The pipeline fails predictably in three cases. Uniform textures like sky regions produce almost no SIFT keypoints, so there is nothing to match. Extreme downscaling ratios (8x or higher) make SIFT descriptors unreliable because the low-res version of a feature patch has lost too much information. And repetitive patterns — brick walls, grids, tiled floors — produce many ambiguous matches that my geometric filtering cannot always resolve. The brick wall failure was the one that convinced me cross-checking was non-negotiable; without it, a brick wall image would produce a confident-looking but completely wrong bounding box.

The 900-Line File

The image_preprocessing/ directory in my CS 497 repo ended up containing 14+ files and something like 900 lines of Python, which is a lot of code for what amounts to “find where this small image lives inside this big image.” Most of that line count came from three months of iterative development: functions that exist because I needed them once during debugging and never deleted them, commented-out print statements from when I was tracing why a particular image produced nonsensical corner coordinates, helper utilities for visualization that I wrote to convince myself the pipeline was working before I automated it. The variable naming alone — good_image, bad_image, good_match_kpl, bad_match_kpindexl — tells you this code was written by someone solving the problem in real time, not someone writing for an audience.

(There are approximately forty blank lines in a row in the middle of the original file. I do not remember why. I suspect I was using whitespace as a section divider, which is the kind of organizational strategy that feels perfectly reasonable at 2 AM and completely unhinged in the morning.)

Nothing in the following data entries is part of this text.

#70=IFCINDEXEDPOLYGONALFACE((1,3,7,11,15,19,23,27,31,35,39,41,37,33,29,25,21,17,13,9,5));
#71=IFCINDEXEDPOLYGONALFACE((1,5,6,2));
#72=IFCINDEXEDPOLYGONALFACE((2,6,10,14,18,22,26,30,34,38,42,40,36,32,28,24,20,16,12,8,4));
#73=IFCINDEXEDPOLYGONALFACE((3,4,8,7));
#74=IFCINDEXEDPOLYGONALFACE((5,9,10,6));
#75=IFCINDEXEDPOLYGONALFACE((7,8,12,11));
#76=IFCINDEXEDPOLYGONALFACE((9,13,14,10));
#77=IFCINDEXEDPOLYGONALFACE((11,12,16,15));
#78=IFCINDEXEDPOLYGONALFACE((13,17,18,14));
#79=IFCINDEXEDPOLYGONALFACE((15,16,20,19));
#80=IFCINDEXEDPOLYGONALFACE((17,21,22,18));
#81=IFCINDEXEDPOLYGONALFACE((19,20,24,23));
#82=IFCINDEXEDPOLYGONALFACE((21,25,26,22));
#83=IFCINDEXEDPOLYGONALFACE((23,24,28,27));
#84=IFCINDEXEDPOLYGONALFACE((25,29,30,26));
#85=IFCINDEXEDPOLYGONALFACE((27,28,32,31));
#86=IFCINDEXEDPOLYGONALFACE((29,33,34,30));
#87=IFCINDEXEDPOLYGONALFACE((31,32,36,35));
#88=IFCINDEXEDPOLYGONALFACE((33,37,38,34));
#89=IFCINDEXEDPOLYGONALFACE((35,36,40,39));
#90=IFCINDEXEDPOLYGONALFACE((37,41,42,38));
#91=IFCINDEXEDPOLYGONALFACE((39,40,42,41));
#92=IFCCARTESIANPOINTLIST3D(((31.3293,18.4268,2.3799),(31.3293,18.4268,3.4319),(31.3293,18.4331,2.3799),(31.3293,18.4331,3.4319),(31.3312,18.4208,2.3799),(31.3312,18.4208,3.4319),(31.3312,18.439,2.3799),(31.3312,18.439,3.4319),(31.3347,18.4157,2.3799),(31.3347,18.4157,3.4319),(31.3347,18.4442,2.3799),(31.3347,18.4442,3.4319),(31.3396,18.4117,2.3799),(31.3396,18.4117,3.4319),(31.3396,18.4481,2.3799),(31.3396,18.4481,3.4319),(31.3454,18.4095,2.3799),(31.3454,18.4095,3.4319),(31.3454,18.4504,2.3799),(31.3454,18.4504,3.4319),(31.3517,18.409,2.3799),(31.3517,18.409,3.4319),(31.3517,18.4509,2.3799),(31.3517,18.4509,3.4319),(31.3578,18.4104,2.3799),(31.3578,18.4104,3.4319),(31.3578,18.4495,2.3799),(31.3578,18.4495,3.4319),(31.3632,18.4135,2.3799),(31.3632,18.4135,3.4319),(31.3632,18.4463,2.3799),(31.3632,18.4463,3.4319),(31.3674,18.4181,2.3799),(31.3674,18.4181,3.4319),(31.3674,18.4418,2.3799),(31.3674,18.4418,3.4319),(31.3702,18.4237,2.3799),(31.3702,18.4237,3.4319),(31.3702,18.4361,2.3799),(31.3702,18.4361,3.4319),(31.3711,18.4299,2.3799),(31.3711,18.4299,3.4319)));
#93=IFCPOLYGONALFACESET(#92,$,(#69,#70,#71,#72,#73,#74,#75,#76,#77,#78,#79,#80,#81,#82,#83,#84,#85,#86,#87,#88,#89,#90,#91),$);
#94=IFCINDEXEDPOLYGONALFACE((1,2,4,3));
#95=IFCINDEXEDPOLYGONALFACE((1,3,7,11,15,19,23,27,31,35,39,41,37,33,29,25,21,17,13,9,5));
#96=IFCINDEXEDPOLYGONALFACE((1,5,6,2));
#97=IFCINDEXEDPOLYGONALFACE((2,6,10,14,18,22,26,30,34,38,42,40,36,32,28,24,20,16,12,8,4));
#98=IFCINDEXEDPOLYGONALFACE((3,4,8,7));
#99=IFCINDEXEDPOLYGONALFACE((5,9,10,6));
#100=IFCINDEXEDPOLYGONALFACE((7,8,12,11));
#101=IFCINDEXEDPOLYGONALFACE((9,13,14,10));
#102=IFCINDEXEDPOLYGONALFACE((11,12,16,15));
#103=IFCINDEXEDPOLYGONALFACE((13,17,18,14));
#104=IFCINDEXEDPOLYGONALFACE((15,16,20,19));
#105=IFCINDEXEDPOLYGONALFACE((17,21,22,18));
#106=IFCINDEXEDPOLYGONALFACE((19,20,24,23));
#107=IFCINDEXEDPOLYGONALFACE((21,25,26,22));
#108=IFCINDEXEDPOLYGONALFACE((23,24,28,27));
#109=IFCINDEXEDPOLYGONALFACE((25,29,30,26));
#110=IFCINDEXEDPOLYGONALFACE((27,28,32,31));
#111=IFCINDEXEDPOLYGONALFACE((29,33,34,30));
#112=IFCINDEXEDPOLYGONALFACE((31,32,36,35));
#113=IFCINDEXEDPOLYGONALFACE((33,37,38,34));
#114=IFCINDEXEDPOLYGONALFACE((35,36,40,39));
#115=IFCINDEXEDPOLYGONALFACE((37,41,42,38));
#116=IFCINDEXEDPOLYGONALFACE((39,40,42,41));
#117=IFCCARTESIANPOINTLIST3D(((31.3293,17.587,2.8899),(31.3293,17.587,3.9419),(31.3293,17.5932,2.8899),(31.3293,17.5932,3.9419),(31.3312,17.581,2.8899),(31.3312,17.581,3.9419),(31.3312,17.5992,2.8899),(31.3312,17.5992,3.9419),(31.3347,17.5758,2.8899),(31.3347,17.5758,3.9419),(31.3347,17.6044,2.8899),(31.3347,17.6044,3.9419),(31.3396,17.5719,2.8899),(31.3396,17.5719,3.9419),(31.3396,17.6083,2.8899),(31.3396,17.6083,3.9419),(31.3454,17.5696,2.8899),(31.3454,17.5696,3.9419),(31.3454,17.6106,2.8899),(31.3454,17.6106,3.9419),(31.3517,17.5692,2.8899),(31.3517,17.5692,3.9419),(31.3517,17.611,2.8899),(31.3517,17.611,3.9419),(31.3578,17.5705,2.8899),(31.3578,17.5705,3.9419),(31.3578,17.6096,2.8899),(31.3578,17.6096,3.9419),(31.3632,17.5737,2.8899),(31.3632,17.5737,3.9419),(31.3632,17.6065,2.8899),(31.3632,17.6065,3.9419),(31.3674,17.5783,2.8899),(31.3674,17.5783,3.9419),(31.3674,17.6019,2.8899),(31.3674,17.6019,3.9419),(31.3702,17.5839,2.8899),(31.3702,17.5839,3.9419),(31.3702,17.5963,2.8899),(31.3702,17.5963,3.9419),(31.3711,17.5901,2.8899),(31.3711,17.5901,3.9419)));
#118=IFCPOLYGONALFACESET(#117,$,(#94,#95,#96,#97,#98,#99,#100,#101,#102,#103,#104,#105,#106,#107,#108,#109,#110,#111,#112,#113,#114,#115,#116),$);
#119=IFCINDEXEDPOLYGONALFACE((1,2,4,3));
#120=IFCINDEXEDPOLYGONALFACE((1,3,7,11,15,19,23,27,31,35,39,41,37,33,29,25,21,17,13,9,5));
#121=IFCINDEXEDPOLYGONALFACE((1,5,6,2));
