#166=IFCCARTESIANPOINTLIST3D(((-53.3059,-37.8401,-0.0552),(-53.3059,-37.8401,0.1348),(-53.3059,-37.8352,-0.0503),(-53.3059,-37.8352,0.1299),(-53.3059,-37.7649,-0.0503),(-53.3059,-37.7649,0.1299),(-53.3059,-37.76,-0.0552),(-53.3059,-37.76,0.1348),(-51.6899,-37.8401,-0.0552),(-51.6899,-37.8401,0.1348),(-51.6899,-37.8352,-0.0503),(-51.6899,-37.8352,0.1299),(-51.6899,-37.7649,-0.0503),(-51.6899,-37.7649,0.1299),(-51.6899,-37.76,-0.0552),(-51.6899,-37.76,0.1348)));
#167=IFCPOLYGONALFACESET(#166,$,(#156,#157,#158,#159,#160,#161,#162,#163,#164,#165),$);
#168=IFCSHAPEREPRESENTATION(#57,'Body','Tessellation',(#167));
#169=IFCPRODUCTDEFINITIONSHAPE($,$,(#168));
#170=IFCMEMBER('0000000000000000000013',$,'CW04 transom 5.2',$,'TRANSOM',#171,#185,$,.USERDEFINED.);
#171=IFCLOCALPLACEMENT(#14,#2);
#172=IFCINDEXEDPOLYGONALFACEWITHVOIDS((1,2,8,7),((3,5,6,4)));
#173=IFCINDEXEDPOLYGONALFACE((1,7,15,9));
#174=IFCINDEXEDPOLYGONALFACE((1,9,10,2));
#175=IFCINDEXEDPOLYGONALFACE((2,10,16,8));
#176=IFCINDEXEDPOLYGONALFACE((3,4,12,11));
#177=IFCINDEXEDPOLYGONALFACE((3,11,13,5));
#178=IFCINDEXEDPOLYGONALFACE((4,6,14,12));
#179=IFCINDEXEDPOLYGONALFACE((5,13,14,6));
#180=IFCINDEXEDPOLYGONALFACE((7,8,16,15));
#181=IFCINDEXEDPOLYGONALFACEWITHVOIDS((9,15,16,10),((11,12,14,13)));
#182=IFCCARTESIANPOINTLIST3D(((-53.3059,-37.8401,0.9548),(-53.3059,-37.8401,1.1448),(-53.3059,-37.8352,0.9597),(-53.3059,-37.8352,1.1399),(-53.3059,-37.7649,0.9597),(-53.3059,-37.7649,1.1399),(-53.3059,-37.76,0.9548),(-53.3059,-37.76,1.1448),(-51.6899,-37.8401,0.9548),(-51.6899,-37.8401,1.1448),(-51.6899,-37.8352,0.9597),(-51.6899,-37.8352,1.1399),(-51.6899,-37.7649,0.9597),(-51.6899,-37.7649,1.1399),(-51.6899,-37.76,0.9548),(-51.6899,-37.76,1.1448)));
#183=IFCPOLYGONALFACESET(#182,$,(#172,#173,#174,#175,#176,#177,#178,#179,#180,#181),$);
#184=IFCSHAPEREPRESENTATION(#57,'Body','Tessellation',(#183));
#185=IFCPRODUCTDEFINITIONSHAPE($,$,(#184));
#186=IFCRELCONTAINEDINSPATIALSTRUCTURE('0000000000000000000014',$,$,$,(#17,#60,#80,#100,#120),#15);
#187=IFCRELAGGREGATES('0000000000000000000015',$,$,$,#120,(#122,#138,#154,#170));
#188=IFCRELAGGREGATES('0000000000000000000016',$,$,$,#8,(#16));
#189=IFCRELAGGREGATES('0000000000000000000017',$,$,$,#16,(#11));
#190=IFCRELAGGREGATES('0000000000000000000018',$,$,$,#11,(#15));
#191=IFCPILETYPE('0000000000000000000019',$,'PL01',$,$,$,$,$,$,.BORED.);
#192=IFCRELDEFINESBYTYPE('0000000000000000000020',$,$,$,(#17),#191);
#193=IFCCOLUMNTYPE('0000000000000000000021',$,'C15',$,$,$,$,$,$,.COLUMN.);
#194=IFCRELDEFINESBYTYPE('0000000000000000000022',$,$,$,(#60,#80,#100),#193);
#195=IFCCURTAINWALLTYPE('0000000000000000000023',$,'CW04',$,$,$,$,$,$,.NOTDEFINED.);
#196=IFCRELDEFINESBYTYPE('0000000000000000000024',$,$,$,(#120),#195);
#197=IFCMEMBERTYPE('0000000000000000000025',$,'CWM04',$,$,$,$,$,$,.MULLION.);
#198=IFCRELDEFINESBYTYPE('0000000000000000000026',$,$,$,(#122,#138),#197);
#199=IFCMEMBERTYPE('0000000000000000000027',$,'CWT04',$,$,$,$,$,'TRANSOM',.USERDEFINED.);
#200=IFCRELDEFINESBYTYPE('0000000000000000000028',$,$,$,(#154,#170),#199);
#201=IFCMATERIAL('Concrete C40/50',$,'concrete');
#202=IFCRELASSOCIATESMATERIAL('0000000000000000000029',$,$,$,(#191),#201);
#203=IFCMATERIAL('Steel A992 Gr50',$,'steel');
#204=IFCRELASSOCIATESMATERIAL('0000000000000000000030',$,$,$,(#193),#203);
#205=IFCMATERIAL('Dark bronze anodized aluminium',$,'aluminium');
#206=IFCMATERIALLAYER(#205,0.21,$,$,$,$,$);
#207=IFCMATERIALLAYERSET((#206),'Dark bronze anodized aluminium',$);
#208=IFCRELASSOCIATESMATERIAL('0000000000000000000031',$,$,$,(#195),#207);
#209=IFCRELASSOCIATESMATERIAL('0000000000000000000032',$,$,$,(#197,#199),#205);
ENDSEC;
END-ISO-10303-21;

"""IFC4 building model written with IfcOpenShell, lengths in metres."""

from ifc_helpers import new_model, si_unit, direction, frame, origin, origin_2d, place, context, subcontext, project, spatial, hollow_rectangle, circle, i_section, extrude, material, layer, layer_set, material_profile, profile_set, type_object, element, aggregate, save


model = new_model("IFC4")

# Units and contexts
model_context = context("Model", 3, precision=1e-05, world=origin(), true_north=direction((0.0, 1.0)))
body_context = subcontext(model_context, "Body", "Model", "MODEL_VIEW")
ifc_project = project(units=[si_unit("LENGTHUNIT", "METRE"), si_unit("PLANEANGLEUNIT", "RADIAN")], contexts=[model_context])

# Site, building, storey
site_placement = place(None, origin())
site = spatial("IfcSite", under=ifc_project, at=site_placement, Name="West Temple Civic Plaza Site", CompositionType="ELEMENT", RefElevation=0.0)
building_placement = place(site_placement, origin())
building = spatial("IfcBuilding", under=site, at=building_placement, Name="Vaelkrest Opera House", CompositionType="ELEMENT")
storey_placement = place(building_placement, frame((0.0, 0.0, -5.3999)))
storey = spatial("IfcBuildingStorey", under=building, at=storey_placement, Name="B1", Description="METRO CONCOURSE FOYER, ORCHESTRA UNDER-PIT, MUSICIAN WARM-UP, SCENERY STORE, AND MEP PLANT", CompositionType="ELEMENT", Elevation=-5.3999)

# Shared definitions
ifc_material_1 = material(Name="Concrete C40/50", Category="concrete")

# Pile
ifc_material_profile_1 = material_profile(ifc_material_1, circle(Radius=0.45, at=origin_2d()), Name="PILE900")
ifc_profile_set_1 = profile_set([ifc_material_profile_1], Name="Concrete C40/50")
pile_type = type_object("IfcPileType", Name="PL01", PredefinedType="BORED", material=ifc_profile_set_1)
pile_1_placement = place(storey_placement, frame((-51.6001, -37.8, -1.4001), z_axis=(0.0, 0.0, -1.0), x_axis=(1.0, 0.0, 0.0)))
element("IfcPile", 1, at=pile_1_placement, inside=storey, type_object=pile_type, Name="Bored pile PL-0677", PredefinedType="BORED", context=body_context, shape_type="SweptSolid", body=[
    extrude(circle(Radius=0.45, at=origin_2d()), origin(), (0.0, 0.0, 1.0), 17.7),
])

The refactored version separates detection, matching, localization, and visualization into clean modules, uses Lowe’s ratio test instead of my homebrew distance-ratio filter, and delegates to cv2.findHomography for the geometric estimation. The original version works, the refactored version works better, and the three months between them taught me that the difference between “working prototype” and “production pipeline” is mostly error handling and the willingness to delete code that solved yesterday’s problem.

What This Is Actually For

The primary application is what I described at the top: creating SR training datasets from dual-camera setups where both cameras capture the same scene at different resolutions. Mount the two cameras, capture frames, run SIFT matching to find corresponding regions, extract pixel-aligned crops, and train on real degradation patterns instead of synthetic bicubic downsampling. The same technique works for unpaired dataset alignment — matching low-res images of unknown provenance to their high-res counterparts — and for image forensics, where you want to determine where a cropped region came from within a larger photograph.

SIFT is a 2004 algorithm. There are learned feature matchers now — SuperPoint, SuperGlue, LightGlue — that would handle the textureless and repetitive-pattern failure cases better than SIFT does, at the cost of needing a GPU and substantially more setup. For this specific problem, where the primary challenge is scale invariance and the images are natural scenes with reasonable feature density, the 18-year-old algorithm worked. I wrote a research paper about it (5 pages, 18 references) and moved on to the next thing, and the lesson I took away was not about SIFT specifically but about the value of reaching for the well-understood tool before the impressive one.